A Vendeuvre, on a le chic pour passer à côté de la gloire : on avait le plus beau des châteaux Renaissance, il n’en reste plus rien ; on avait une importante agglomération gallo-romaine : il ne reste plus grand-chose ; on a un grand philosophe inhumé au cimetière mais tous ses effets personnels ont été détruits par sa mère… et on a aussi un presque président de la République : Raoul Peret. Né à Châtellerault le 29 novembre 1870, son père était magistrat à la cour de Poitiers. Lui-même entame à Poitiers des études de droit qu’il termine à Paris. A 31 ans il est élu conseiller général du canton de Neuville de Poitou puis en 1902 il est élu pour la 1ère fois à la chambre des députés dont il deviendra le président en 1920 ; la même année (1902) il est aussi élu maire de Vendeuvre (où sa famille possède des terres) puis sénateur de la Vienne. Il siège alors dans le groupe de la gauche républicaine et démocratique. Gaston Doumergue, président du Conseil le nomme au ministère de l’intérieur puis il devient ministre du commerce, de l’industrie et des P.T.T. Il sera ministre de la justice sous plusieurs gouvernements pour de courtes périodes. C’est à ce poste en 1930 qu’il est touché par un scandale financier : « l’affaire Oustric ». Il comparait devant le Sénat constitué en Haute Cour de justice qui l’acquitte en l’absence de preuves suffisantes. Mais sa carrière politique nationale est brisée. Il quitte alors Paris, se retranche dans son canton où il meurt totalement oublié en 1942. Dans les années 20, il était très apprécié, (le journal « L’Avenir de la Vienne » parle de lui en ces termes: « Son patriotisme éclairé, la pureté de ses convictions patriotiques, sa haute valeur morale, la distinction et l’élévation de ses pensées… ») ; il aurait pu finir sa brillante carrière comme Président de la République ; seule la commune de Vendeuvre lui a rendu hommage en baptisant de son nom la place centrale du village.

 

 

4ème partie :

Rodolphe Salis

 

Louis Rodolphe Salis est né à Chatellerault le 29 mai 1851 et mort à Naintré en 1897. A près son service militaire, il s'installe à Paris et ouvre en 1881 un cabaret: "Le chat noir" à Montmartre.
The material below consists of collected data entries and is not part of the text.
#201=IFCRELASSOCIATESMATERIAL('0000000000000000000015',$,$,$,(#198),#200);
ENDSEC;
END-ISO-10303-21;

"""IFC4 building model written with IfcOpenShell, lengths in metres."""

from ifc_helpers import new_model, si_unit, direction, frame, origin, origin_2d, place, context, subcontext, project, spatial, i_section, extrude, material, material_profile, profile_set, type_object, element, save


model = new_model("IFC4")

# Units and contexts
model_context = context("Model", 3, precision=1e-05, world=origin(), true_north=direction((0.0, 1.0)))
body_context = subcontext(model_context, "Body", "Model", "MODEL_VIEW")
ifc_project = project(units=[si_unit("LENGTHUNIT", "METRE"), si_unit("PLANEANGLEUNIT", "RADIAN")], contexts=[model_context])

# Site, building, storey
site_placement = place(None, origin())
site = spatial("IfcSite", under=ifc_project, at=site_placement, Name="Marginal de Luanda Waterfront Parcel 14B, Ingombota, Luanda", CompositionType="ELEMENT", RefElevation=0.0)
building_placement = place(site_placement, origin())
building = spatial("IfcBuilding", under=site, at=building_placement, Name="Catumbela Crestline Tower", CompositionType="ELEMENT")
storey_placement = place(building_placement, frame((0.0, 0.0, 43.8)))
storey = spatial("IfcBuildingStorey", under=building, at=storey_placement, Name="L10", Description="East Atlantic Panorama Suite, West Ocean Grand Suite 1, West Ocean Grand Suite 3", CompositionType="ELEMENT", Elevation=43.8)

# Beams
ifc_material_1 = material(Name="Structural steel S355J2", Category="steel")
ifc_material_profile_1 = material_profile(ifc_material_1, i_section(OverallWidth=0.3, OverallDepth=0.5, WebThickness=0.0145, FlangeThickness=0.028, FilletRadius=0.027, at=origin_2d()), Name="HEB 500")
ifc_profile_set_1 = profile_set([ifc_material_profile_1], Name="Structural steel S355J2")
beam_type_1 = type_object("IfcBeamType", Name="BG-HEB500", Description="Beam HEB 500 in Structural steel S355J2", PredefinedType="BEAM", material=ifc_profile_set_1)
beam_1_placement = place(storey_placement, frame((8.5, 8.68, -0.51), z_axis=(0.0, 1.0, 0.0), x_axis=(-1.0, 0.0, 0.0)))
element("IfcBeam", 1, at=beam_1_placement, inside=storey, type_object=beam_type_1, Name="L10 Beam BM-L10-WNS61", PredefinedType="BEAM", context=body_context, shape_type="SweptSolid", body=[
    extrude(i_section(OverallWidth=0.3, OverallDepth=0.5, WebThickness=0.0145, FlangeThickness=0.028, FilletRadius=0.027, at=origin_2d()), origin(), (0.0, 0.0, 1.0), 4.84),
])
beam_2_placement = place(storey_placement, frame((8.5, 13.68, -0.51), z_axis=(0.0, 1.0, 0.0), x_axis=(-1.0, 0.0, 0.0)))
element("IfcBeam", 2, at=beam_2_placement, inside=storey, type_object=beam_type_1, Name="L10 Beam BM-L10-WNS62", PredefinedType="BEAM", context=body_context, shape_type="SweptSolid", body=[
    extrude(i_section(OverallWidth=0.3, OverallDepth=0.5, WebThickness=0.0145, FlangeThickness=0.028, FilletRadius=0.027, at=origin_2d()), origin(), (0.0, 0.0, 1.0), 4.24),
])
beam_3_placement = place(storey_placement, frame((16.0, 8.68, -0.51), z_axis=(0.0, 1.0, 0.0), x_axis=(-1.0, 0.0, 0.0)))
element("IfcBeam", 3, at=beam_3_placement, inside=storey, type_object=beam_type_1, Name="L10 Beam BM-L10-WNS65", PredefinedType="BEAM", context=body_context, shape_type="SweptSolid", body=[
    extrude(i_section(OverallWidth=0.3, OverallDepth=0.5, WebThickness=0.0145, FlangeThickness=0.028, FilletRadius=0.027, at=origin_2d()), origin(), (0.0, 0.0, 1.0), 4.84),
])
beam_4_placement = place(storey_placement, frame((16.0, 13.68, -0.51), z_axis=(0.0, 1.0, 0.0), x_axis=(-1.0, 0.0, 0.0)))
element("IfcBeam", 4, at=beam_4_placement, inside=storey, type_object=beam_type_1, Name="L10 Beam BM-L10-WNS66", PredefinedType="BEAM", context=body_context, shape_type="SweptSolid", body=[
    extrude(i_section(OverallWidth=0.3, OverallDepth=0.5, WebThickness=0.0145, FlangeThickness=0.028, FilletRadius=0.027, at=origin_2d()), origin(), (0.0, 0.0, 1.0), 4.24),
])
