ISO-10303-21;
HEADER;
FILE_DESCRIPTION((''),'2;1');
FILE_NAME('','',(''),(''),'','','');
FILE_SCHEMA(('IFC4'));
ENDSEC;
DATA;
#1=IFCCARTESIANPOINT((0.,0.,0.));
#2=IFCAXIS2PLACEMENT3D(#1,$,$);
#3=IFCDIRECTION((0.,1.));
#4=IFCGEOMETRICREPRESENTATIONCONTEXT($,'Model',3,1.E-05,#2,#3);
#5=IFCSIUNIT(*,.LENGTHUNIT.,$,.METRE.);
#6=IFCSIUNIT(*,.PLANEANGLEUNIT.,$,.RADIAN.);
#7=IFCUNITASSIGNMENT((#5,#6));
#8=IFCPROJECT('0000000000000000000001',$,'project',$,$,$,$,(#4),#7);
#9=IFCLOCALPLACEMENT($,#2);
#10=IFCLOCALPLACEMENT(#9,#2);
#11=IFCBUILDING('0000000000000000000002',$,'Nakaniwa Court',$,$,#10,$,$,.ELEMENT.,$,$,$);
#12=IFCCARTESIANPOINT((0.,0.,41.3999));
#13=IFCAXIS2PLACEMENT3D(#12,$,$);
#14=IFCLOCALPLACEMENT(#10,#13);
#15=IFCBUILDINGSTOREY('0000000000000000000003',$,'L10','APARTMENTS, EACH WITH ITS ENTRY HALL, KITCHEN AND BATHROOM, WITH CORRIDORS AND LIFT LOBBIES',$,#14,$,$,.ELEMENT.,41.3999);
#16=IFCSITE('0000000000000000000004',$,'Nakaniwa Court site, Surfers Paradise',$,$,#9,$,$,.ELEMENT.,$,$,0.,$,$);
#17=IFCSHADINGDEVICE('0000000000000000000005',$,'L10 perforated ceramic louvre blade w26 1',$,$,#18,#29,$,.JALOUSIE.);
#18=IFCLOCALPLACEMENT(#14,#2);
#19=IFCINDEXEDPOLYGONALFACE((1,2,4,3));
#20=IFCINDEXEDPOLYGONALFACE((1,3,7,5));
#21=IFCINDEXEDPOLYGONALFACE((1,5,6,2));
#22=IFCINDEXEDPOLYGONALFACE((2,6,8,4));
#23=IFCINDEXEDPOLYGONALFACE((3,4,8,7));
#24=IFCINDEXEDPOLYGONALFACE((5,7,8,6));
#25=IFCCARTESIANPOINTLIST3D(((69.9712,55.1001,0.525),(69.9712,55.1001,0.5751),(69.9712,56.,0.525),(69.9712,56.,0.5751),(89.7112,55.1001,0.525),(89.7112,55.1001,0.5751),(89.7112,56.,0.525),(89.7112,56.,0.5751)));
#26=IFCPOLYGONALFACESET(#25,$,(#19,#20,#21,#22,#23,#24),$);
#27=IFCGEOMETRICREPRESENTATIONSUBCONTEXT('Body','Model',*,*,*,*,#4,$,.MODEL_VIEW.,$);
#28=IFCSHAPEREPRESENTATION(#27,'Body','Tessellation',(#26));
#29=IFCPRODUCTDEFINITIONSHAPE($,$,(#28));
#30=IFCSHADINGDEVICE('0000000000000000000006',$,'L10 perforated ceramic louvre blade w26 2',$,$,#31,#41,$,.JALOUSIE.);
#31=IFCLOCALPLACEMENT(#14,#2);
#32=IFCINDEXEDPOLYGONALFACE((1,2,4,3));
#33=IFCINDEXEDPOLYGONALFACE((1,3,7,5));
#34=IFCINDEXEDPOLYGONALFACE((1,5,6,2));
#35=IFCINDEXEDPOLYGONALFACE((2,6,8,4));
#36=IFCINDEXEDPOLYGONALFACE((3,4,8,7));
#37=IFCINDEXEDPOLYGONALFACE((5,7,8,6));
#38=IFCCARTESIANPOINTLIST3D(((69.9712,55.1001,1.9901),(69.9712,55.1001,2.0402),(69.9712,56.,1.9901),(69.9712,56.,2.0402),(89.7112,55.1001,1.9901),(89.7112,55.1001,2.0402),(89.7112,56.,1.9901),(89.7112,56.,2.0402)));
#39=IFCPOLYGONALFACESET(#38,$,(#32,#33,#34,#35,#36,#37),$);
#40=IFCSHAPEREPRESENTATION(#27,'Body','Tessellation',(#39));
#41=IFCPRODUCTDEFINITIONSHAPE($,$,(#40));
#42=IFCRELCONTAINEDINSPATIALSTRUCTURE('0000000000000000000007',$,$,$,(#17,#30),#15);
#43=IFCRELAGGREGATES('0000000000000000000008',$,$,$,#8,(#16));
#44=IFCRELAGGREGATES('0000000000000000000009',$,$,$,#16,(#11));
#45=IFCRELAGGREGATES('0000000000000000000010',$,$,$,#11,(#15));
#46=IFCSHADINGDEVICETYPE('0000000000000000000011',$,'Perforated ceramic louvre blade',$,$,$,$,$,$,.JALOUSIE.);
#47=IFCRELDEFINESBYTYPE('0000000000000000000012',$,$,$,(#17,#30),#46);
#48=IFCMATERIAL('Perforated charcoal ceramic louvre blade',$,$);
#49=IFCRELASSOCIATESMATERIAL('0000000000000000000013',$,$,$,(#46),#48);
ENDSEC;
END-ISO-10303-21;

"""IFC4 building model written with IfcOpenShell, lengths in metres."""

from ifc_helpers import new_model, si_unit, direction, frame, origin, origin_2d, place, context, subcontext, project, spatial, rectangle, extrude, material, material_profile, profile_set, type_object, element, save


model = new_model("IFC4")

# Units and contexts
model_context = context("Model", 3, precision=1e-05, world=origin(), true_north=direction((0.0, 1.0)))
body_context = subcontext(model_context, "Body", "Model", "MODEL_VIEW")
ifc_project = project(units=[si_unit("LENGTHUNIT", "METRE"), si_unit("PLANEANGLEUNIT", "RADIAN")], contexts=[model_context])

# Site, building, storey
site_placement = place(None, origin())
site = spatial("IfcSite", under=ifc_project, at=site_placement, Name="Nakaniwa Court site, Surfers Paradise", CompositionType="ELEMENT", RefElevation=0.0)
building_placement = place(site_placement, origin())
building = spatial("IfcBuilding", under=site, at=building_placement, Name="Nakaniwa Court", CompositionType="ELEMENT")
storey_placement = place(building_placement, frame((0.0, 0.0, 41.3999)))
storey = spatial("IfcBuildingStorey", under=building, at=storey_placement, Name="L10", Description="APARTMENTS, EACH WITH ITS ENTRY HALL, KITCHEN AND BATHROOM, WITH CORRIDORS AND LIFT LOBBIES", CompositionType="ELEMENT", Elevation=41.3999)

# Shading devices
ifc_material_1 = material(Name="Perforated charcoal ceramic louvre blade")
ifc_material_profile_1 = material_profile(ifc_material_1, rectangle(XDim=0.8999, YDim=0.05, at=origin_2d()), Name="Perforated ceramic louvre blade")
ifc_profile_set_1 = profile_set([ifc_material_profile_1], Name="Perforated charcoal ceramic louvre blade")
shading_device_type = type_object("IfcShadingDeviceType", Name="Perforated ceramic louvre blade", PredefinedType="JALOUSIE", material=ifc_profile_set_1)
for number, where, z_axis, x_axis, name in (
    (1, (69.9712, 55.55, 0.55), (1.0, 0.0, 0.0), (0.0, 1.0, 0.0), "L10 perforated ceramic louvre blade w26 1"),
    (2, (69.9712, 55.55, 2.0151), (1.0, 0.0, 0.0), (0.0, 1.0, 0.0), "L10 perforated ceramic louvre blade w26 2"),
):
    element("IfcShadingDevice", number, at=place(storey_placement, frame(where, z_axis=z_axis, x_axis=x_axis)), inside=storey, type_object=shading_device_type, Name=name, PredefinedType="JALOUSIE", context=body_context, shape_type="SweptSolid", body=[
        extrude(rectangle(XDim=0.8999, YDim=0.05, at=origin_2d()), origin(), (0.0, 0.0, 1.0), 19.74),
    ])

save(model, "model.ifc")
Il y sert du mauvais vin dans un décor sommaire. Mais très vite les lieux sont fréquentés par les artistes qui hantent les rues de Paris et devient célèbre. Des chansonniers se produisent sur un ton très libre pour l'époque. Rodolphe Salis fait même des tournées en France. A Marigny-Brizay, il séjourne au manoir de La Vauguyot (XVIème siècle). A Marigny une rue poirte le nom de Rodolphe Salis.